Studying database data
Next, under “Connections”, click “Data sources”. This should now include the PostgreSQL data source that you just created. Click “Explore” for the datasource. This opens a view where you can write database queries.
Given that the pg_stat_statements
extension is enabled, you can select pg_stat_statements
as the table, and e.g. select the columns “query” and “mean_exec_time”. When you press “Run query”, the query statistics are retrieved from PostgreSQL and shown in a table.
PostgreSQL data exporters
There are also PostgreSQL-specific data exporters available for Prometheus, such as postgres_exporter. OpenTelemetry has also a community contribution for collecting PostgreSQL data.
In general, these need to be run as a separate services, which then collect metrics. Exporters can be configured to collect a wide range of metrics, such as query execution times, cache hit ratios, and so on.
Dashboards
Grafana also allows constructing dashboards that provide a high-level overview of the system. As creating tailored dashboards is a bit out of scope of this course, we’ll leave it at the mention level.
To get started with Dashboards in Grafana, see e.g. Understanding Dashboards in Grafana YouTube video from Grafana labs.
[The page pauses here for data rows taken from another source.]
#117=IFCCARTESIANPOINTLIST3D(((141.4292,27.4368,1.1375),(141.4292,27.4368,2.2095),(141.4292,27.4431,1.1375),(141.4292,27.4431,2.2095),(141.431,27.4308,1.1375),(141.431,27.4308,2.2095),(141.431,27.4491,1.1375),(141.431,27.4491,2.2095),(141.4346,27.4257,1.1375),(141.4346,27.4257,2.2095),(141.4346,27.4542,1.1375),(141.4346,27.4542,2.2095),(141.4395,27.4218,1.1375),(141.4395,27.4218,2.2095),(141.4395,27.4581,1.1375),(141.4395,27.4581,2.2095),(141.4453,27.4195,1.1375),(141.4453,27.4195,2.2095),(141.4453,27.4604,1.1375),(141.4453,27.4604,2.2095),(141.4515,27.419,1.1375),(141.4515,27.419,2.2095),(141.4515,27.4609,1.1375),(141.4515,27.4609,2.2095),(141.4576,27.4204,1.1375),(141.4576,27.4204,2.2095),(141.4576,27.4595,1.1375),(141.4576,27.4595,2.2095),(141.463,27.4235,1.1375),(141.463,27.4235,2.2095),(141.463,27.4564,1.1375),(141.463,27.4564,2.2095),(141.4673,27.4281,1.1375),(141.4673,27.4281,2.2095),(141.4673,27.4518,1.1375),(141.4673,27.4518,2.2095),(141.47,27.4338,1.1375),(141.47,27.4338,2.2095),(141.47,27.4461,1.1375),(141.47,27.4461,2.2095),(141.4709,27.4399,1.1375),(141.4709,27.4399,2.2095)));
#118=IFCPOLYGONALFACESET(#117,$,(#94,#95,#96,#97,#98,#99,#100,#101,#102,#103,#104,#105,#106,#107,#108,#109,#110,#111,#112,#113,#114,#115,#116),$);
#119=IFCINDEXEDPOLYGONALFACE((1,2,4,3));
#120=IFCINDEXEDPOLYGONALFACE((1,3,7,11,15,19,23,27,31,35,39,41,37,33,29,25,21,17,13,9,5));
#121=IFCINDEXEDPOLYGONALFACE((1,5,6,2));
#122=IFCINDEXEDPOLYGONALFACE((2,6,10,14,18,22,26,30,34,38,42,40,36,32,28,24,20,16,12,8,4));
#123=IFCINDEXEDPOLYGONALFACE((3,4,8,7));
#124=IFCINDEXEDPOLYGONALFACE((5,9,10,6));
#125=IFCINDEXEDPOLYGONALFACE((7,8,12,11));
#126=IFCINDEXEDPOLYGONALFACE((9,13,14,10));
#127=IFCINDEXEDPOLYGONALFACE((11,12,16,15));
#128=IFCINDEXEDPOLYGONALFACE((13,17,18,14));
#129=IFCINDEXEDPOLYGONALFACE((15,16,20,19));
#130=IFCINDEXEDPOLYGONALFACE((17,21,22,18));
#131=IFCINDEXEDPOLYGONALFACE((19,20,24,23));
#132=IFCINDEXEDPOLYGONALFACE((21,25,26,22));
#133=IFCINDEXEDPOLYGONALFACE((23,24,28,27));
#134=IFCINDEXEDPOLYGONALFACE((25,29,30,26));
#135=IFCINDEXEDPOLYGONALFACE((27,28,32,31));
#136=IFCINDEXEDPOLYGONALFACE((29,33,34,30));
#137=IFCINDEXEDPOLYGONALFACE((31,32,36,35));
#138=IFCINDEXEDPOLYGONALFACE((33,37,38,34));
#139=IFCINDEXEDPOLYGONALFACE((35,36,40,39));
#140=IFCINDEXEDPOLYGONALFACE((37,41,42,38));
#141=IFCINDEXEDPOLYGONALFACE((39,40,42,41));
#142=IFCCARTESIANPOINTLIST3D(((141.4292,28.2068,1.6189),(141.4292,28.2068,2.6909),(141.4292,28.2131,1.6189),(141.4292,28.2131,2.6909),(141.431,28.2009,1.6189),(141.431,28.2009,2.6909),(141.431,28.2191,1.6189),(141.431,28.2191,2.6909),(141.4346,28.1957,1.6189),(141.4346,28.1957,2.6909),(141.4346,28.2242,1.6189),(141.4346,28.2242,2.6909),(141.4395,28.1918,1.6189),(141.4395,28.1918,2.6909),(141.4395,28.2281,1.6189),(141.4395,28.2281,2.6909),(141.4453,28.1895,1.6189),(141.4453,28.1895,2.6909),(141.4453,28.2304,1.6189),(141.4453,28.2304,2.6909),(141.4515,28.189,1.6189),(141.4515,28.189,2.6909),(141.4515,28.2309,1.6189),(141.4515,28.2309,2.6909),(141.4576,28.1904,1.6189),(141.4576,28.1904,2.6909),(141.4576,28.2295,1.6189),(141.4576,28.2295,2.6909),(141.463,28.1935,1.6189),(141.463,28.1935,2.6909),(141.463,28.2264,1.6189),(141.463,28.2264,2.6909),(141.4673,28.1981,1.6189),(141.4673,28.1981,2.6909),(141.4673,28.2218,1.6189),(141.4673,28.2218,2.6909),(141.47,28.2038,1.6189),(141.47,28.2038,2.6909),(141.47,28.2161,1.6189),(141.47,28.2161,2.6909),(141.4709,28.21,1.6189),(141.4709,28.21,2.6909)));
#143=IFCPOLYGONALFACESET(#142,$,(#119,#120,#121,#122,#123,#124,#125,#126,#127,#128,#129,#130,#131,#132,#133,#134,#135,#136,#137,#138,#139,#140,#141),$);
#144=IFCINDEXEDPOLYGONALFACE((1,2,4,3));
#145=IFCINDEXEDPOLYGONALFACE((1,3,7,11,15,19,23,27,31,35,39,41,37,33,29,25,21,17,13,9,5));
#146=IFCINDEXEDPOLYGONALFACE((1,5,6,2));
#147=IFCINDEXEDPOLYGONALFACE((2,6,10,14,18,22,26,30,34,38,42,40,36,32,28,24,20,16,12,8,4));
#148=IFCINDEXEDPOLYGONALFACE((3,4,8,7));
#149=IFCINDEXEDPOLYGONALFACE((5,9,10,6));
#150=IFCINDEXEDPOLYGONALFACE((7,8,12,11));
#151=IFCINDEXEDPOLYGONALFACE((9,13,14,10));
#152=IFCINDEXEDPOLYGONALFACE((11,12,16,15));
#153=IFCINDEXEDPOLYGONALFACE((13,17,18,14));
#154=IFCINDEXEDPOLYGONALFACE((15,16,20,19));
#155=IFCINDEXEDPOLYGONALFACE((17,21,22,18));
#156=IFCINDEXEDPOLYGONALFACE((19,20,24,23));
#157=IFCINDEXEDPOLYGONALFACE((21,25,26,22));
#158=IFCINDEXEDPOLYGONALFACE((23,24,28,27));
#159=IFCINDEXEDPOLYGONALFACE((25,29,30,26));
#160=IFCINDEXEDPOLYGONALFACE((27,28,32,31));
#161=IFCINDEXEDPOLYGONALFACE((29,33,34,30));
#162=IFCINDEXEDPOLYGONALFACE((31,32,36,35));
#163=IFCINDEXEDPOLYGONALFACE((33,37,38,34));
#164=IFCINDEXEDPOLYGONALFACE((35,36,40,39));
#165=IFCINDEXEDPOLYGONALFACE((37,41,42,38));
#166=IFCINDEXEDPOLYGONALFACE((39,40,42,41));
Software teams often have dashboards that are visible to everyone in the team, e.g. in a big screen in the office. This way, everyone can see the status of the system at a glance.
Although the examples here focused just on Deno and PostgreSQL, the LGTM stack with OpenTelemetry can be used to collect data from a wide range of services. As an example, if we would wish to enable OpenTelemetry metric collection for Traefik, we would just need to add the two following lines to the command
part of Traefik in compose.yaml
:
- "--metrics.otlp=true"
- "--metrics.otlp.http.endpoint=http://lgtm:4318/v1/metrics"
With the above, Traefik metrics would be available in Grafana with the prefix traefik_
. For further options and for understanding OpenTelemetry in depth, a good starting point is the OpenTelemetry documentation.